I just like to have fun on the net. I don't want to fight and argue over things. I'm a conservative republican, but I try to avoid political threads. 

I like posting pics and videos (on topic for the thread I'm posting them in). 

If I start a thread, it most likely will be about interesting news, something funny, big foot, aliens, or a whale rescue, etc. I read bad news all the time. I don't want to post about it all the time. 

 I also like to give advice (if I know what I'm talking about on the subject). And I'll pray for anyone asking for prayers.


----------



## Jim_S RIP

What's this about Big Foot rescuing an alien whale???


----------



## Desert Dude

jim slagle said:


> What's this about Big Foot rescuing an alien whale???



I think it was from a Star Trek movie back in the eighties.


----------



## Jim_S RIP

Desert Dude said:


> I think it was from a Star Trek movie back in the eighties.

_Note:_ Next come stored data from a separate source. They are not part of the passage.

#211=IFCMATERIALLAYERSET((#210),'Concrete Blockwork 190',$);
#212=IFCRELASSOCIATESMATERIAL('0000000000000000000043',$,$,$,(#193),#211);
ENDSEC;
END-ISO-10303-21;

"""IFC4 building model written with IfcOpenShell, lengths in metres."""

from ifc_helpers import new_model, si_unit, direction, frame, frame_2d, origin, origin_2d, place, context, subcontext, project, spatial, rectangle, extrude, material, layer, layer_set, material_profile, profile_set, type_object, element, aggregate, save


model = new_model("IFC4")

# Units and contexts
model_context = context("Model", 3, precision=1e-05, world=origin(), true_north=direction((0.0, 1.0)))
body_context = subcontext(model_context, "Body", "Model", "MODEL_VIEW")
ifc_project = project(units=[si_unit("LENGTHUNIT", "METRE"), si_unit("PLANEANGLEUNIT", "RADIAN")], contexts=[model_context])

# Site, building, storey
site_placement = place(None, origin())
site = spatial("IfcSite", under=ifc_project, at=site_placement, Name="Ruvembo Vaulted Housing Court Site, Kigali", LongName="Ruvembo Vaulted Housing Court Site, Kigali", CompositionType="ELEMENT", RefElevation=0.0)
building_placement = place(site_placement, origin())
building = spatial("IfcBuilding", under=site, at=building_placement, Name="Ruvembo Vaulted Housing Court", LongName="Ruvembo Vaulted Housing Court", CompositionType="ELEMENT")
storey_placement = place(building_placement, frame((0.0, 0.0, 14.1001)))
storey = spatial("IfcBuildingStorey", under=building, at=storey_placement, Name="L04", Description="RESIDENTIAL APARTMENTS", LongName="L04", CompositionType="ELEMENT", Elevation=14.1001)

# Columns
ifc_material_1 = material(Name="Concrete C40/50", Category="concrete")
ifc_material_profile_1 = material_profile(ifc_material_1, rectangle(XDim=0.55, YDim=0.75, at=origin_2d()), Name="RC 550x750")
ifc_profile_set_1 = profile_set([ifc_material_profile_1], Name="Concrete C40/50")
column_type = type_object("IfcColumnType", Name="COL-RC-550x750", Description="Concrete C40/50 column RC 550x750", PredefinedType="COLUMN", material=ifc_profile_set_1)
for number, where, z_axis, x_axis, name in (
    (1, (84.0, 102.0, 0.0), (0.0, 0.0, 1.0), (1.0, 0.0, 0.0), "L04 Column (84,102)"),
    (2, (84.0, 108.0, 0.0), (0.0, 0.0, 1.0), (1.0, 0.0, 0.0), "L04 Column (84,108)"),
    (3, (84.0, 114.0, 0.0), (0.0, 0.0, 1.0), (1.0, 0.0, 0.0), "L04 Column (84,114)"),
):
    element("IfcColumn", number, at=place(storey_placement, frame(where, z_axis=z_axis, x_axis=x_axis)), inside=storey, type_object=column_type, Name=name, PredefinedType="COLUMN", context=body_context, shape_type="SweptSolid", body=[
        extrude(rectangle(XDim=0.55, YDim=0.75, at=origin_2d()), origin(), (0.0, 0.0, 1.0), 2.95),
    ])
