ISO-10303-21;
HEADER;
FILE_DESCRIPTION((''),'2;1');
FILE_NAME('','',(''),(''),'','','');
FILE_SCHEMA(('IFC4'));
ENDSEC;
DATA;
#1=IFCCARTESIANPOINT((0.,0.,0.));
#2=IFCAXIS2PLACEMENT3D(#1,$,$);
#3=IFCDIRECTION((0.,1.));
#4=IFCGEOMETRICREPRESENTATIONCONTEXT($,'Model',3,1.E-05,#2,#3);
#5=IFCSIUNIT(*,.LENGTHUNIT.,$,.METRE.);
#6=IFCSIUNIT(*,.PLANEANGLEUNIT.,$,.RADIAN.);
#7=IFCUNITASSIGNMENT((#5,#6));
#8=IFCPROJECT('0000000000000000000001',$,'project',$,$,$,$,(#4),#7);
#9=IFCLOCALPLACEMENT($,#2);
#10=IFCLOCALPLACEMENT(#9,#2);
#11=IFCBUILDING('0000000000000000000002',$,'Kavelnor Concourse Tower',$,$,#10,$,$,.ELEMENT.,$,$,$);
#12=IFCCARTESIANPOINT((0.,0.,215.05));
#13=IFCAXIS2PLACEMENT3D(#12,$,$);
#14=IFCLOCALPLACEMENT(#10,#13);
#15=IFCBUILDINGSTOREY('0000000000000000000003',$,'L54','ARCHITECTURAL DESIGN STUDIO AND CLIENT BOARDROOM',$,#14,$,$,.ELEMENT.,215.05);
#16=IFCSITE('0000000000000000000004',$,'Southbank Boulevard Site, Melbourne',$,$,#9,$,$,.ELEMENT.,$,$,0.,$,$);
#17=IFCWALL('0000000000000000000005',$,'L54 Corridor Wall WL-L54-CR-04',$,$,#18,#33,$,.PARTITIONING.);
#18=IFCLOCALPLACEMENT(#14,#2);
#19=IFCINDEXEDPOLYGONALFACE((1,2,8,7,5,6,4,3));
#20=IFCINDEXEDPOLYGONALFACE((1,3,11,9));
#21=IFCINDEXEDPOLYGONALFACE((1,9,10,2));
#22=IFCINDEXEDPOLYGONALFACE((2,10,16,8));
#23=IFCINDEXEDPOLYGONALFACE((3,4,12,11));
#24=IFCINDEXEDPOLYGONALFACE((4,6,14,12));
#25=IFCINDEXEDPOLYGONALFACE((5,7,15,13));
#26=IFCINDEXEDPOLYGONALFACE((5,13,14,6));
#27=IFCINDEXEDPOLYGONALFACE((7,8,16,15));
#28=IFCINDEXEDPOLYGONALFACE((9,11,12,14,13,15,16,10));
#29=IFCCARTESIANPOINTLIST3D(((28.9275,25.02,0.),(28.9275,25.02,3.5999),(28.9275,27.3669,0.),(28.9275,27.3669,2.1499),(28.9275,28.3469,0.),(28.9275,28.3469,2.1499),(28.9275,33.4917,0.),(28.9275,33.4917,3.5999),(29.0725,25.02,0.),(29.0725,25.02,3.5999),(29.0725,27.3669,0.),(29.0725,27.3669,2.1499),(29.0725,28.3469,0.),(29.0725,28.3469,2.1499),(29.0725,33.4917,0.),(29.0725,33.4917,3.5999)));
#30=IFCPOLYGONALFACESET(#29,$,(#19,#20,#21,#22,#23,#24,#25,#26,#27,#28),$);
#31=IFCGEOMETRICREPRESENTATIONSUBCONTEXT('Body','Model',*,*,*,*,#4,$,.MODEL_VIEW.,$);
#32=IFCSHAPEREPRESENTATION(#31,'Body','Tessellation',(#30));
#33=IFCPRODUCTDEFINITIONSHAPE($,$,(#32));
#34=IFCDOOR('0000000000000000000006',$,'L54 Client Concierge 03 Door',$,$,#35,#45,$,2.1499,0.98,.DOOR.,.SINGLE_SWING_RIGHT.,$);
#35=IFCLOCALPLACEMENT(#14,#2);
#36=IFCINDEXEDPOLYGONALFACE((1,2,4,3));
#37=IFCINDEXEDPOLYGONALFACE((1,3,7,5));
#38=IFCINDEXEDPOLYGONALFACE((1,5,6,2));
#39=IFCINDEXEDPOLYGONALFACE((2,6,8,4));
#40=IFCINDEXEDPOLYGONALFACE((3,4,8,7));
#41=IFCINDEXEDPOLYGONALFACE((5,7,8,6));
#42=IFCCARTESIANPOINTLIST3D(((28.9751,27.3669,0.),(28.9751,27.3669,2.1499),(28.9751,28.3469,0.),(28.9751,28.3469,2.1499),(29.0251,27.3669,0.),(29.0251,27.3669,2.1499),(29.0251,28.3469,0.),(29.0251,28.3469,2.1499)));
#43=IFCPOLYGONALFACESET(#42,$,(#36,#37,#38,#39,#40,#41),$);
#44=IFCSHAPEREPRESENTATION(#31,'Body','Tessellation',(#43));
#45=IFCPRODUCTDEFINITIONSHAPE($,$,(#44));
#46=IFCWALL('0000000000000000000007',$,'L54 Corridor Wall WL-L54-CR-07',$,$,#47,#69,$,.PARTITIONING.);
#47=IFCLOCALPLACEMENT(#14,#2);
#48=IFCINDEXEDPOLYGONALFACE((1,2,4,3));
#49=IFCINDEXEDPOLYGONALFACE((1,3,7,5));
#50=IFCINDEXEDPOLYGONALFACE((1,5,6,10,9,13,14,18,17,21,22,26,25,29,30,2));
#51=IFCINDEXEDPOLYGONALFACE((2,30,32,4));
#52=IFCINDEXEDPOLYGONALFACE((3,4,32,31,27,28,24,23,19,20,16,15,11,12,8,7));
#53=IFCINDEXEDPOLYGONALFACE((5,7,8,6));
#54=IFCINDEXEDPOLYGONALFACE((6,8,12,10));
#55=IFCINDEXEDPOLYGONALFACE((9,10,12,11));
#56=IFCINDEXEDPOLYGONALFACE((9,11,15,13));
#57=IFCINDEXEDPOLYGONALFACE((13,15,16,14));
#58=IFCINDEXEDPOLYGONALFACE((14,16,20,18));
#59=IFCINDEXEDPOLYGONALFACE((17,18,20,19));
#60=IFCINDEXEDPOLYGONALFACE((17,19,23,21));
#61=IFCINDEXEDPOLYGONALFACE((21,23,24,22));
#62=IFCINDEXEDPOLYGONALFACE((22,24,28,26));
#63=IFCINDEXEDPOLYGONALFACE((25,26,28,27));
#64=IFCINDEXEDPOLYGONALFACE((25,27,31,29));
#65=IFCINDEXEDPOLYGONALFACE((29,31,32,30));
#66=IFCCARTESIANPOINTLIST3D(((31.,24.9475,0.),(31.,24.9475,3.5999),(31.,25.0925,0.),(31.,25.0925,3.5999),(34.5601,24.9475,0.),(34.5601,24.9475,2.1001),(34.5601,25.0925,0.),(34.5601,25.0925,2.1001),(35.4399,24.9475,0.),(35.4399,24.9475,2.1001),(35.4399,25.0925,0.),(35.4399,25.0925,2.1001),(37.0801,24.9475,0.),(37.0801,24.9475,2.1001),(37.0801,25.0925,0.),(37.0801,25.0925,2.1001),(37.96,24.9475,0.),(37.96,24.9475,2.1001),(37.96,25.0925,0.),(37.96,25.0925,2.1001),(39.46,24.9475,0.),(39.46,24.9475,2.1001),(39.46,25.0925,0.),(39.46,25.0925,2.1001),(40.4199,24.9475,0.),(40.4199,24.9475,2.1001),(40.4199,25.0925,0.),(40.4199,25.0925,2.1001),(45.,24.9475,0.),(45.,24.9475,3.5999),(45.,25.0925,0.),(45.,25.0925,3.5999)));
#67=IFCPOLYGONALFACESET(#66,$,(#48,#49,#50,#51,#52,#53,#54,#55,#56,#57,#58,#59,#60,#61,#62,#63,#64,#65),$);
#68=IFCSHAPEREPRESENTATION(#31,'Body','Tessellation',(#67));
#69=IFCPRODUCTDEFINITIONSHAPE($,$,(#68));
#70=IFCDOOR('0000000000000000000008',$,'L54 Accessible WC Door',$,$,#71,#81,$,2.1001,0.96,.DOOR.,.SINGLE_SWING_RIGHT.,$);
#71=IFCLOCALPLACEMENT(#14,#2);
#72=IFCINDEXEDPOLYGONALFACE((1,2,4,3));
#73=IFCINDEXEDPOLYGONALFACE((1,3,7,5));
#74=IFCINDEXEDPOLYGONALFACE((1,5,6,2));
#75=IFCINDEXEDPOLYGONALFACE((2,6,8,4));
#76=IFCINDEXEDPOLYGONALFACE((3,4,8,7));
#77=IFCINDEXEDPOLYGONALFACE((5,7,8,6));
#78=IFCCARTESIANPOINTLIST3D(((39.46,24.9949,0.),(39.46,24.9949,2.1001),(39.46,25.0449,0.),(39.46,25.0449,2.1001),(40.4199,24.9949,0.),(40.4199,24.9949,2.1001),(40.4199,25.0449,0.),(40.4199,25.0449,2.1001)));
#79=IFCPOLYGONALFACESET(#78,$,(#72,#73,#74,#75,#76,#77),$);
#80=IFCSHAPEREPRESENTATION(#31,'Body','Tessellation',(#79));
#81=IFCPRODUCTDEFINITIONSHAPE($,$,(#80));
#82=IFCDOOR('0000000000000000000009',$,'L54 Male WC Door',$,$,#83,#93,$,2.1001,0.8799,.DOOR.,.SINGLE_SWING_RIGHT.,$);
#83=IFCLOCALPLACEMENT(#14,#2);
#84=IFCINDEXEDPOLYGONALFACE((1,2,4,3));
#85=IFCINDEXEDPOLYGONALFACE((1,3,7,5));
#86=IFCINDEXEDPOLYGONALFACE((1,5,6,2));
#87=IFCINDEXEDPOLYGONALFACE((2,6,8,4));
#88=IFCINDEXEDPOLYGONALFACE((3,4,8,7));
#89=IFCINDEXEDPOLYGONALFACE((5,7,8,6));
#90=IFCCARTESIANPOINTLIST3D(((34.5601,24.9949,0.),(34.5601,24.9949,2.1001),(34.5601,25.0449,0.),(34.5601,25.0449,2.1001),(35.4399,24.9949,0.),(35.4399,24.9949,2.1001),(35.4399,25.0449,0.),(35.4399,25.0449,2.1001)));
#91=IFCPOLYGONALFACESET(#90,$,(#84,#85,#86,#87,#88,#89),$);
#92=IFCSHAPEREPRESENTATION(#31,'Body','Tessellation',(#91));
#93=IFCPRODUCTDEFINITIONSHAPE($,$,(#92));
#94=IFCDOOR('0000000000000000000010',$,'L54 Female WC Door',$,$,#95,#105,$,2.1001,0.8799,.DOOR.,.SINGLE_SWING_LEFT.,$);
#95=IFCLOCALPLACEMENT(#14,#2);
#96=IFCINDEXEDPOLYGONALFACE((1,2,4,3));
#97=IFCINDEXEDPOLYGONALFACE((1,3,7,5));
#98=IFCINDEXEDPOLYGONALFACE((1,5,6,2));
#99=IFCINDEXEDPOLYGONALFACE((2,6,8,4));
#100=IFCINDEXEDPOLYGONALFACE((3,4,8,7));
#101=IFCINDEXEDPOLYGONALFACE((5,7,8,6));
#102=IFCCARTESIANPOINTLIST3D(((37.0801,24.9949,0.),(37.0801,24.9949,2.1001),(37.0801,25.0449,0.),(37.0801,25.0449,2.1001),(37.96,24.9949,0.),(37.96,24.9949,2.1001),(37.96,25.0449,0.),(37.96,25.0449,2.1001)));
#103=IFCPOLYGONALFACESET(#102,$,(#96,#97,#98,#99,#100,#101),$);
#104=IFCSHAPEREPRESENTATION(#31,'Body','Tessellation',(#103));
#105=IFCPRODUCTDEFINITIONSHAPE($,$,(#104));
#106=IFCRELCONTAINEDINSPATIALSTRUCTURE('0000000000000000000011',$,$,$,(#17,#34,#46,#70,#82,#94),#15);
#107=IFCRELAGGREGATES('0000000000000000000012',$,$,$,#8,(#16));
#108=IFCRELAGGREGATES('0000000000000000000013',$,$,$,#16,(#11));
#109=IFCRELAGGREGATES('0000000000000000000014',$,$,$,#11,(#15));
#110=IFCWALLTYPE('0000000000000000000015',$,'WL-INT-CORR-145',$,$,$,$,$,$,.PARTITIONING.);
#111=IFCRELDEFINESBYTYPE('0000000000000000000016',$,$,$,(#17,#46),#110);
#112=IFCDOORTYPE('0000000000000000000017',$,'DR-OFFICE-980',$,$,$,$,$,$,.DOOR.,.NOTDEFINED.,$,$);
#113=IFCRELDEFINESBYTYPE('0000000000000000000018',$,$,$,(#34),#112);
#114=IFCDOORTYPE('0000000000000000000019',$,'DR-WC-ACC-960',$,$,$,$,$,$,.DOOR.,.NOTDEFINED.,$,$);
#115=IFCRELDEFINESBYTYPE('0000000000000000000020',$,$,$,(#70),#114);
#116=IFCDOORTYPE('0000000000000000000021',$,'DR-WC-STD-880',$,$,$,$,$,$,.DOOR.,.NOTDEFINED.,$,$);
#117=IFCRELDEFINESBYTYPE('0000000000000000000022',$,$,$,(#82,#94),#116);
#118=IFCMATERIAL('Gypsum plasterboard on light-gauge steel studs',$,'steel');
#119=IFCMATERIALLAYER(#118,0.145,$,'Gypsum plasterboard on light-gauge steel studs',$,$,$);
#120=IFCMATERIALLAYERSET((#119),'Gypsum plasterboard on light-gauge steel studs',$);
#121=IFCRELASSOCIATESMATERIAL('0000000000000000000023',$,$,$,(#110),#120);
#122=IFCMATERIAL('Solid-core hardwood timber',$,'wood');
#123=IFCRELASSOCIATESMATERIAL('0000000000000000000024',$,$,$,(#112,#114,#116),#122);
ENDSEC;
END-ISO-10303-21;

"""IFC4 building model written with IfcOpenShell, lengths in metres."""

from ifc_helpers import new_model, si_unit, direction, frame, frame_2d, origin, place, context, subcontext, project, spatial, rectangle, extrude, material, layer, layer_set, type_object, element, fill, save


model = new_model("IFC4")

# Units and contexts
model_context = context("Model", 3, precision=1e-05, world=origin(), true_north=direction((0.0, 1.0)))
body_context = subcontext(model_context, "Body", "Model", "MODEL_VIEW")
ifc_project = project(units=[si_unit("LENGTHUNIT", "METRE"), si_unit("PLANEANGLEUNIT", "RADIAN")], contexts=[model_context])

# Site, building, storey
site_placement = place(None, origin())
site = spatial("IfcSite", under=ifc_project, at=site_placement, Name="Southbank Boulevard Site, Melbourne", CompositionType="ELEMENT", RefElevation=0.0)
building_placement = place(site_placement, origin())
building = spatial("IfcBuilding", under=site, at=building_placement, Name="Kavelnor Concourse Tower", CompositionType="ELEMENT")
storey_placement = place(building_placement, frame((0.0, 0.0, 215.05)))
storey = spatial("IfcBuildingStorey", under=building, at=storey_placement, Name="L54", Description="ARCHITECTURAL DESIGN STUDIO AND CLIENT BOARDROOM", CompositionType="ELEMENT", Elevation=215.05)

# Shared definitions
ifc_material_1 = material(Name="Gypsum plasterboard on light-gauge steel studs", Category="steel")
ifc_layer_1 = layer(ifc_material_1, 0.145, Name="Gypsum plasterboard on light-gauge steel studs")
ifc_layer_set_1 = layer_set([ifc_layer_1], Name="Gypsum plasterboard on light-gauge steel studs")
wall_type_1 = type_object("IfcWallType", Name="WL-INT-CORR-145", PredefinedType="PARTITIONING", material=ifc_layer_set_1)

# Wall, opening, door
wall_1_placement = place(storey_placement, frame((29.0, 25.02, 0.0), z_axis=(0.0, 0.0, 1.0), x_axis=(0.0, 1.0, 0.0)))
wall_1 = element("IfcWall", 1, at=wall_1_placement, inside=storey, type_object=wall_type_1, Name="L54 Corridor Wall WL-L54-CR-04", PredefinedType="PARTITIONING", context=body_context, shape_type="SweptSolid", body=[
    extrude(rectangle(XDim=8.4717, YDim=0.145, at=frame_2d((4.2358, 0.0))), origin(), (0.0, 0.0, 1.0), 3.5999),
])
opening_1_placement = place(wall_1_placement, frame((2.3469, 0.0, 0.0)))
opening_1 = element("IfcOpeningElement", 2, at=opening_1_placement, cuts=wall_1, PredefinedType="OPENING", context=body_context, shape_type="SweptSolid", body=[
    extrude(rectangle(XDim=0.98, YDim=2.1499, at=frame_2d((0.49, 1.075))), frame((0.0, 0.0825, 0.0), z_axis=(0.0, -1.0, 0.0), x_axis=(1.0, 0.0, 0.0)), (0.0, 0.0, 1.0), 0.165),
])
ifc_material_2 = material(Name="Solid-core hardwood timber", Category="wood")
door_type_1 = type_object("IfcDoorType", Name="DR-OFFICE-980", OperationType="NOTDEFINED", PredefinedType="DOOR", material=ifc_material_2)
door_1_placement = place(opening_1_placement, origin())
door_1 = element("IfcDoor", 3, at=door_1_placement, inside=storey, type_object=door_type_1, Name="L54 Client Concierge 03 Door", OperationType="SINGLE_SWING_RIGHT", OverallHeight=2.1499, OverallWidth=0.98, PredefinedType="DOOR", context=body_context, shape_type="SweptSolid", body=[
    extrude(rectangle(XDim=0.98, YDim=2.1499, at=frame_2d((0.49, 1.075))), frame((0.0, 0.0249, 0.0), z_axis=(0.0, -1.0, 0.0), x_axis=(1.0, 0.0, 0.0)), (0.0, 0.0, 1.0), 0.05),
])
fill(opening_1, door_1)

Thanks, that's what I thought.


----------



## Big Dog

Welcome ............... 
.
.
.
.


----------



## Desert Dude

Big Dog said:


> Welcome ...............
> .
> .
> .
> .










I'm in the process of transferring picks from my old PC to this one. I just spent almost an hour saving at least a hundred pics and gifs. Only a few made it for some reason. 

I also have a photobucket account packed with pics and gifs. But they are so slow to load these days with all the adds there, etc. 

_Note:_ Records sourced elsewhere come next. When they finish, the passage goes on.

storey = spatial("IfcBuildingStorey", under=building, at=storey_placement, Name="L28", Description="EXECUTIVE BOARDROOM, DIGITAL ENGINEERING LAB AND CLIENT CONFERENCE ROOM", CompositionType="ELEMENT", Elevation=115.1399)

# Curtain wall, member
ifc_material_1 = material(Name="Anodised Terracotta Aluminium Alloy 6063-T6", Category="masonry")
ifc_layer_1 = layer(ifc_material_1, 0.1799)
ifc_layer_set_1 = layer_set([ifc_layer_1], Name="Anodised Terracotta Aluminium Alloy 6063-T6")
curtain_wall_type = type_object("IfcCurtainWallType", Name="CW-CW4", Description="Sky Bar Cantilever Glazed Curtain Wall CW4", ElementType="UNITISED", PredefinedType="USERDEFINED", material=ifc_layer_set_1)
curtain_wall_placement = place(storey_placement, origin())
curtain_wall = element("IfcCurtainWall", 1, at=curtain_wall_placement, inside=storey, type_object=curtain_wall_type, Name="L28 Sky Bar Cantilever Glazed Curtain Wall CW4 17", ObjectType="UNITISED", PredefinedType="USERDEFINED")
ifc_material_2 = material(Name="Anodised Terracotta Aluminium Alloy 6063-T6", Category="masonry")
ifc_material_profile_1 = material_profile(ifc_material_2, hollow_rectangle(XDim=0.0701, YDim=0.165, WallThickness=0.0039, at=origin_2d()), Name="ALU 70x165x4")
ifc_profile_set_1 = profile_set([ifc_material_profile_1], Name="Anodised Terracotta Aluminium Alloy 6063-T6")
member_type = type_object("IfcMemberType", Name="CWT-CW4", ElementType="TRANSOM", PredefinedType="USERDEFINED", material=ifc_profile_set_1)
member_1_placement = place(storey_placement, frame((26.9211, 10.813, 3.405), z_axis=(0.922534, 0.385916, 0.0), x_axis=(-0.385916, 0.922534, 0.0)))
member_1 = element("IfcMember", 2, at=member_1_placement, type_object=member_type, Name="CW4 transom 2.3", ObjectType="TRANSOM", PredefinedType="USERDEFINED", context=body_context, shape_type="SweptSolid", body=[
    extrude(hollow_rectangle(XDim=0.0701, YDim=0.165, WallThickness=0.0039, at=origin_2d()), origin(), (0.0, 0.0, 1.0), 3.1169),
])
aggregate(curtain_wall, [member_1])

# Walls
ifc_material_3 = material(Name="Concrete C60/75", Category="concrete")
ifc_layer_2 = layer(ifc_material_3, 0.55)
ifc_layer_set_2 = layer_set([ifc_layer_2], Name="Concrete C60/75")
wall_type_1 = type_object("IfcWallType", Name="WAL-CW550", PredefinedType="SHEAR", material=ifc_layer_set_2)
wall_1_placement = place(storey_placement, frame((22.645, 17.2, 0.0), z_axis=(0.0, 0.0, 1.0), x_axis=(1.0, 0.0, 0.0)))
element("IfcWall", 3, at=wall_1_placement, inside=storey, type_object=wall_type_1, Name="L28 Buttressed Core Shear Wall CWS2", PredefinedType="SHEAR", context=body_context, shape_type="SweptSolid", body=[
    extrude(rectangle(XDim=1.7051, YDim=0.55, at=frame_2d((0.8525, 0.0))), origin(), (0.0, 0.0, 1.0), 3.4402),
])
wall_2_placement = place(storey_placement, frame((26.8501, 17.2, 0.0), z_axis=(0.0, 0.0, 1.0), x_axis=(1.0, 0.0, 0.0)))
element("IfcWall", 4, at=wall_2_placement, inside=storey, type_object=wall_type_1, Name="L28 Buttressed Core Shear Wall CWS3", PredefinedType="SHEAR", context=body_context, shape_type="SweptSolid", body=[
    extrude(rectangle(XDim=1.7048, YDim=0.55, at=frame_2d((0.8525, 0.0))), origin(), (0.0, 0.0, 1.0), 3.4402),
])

It'll take some time, but I will get a good album going here. I see there's a fun looking thread here at FF that I plan on posting some pics and gifs in.


----------



## Catavenger

Hi I am a fellow Zonie from the Sprawlopolis, Phoenix that jewel of the desert, home of 122 heat, scorpion capital of thee world. I beseech thee to behave since I have already drug the reputation of Phoenix down.


----------



## Desert Dude

Catavenger said:


> Hi I am a fellow Zonie from the Sprawlopolis, Phoenix that jewel of the desert, home of 122 heat, scorpion capital of thee world. I beseech thee to behave since I have already drug the reputation of Phoenix down.



Hey, Cat. 

Get ready for a scorcher this summer. 83° today, and it's still February!


----------



## Deadly Sushi

Desert Dude said:


> Nice looking place. I hope you don't mind if I drop in..




Howdy! This is a really fun place to discuss opinions! Trade ideas!


----------



## Desert Dude

Thanks, D.S.! 

I've been sick this past week, so I haven't been around much. 

Feeling a little better now. Going back to work tomorrow.


----------



## Deadly Sushi

Desert Dude said:


> Thanks, D.S.!
> 
> I've been sick this past week, so I haven't been around much.
> 
> Feeling a little better now. Going back to work tomorrow.



Feel better!


----------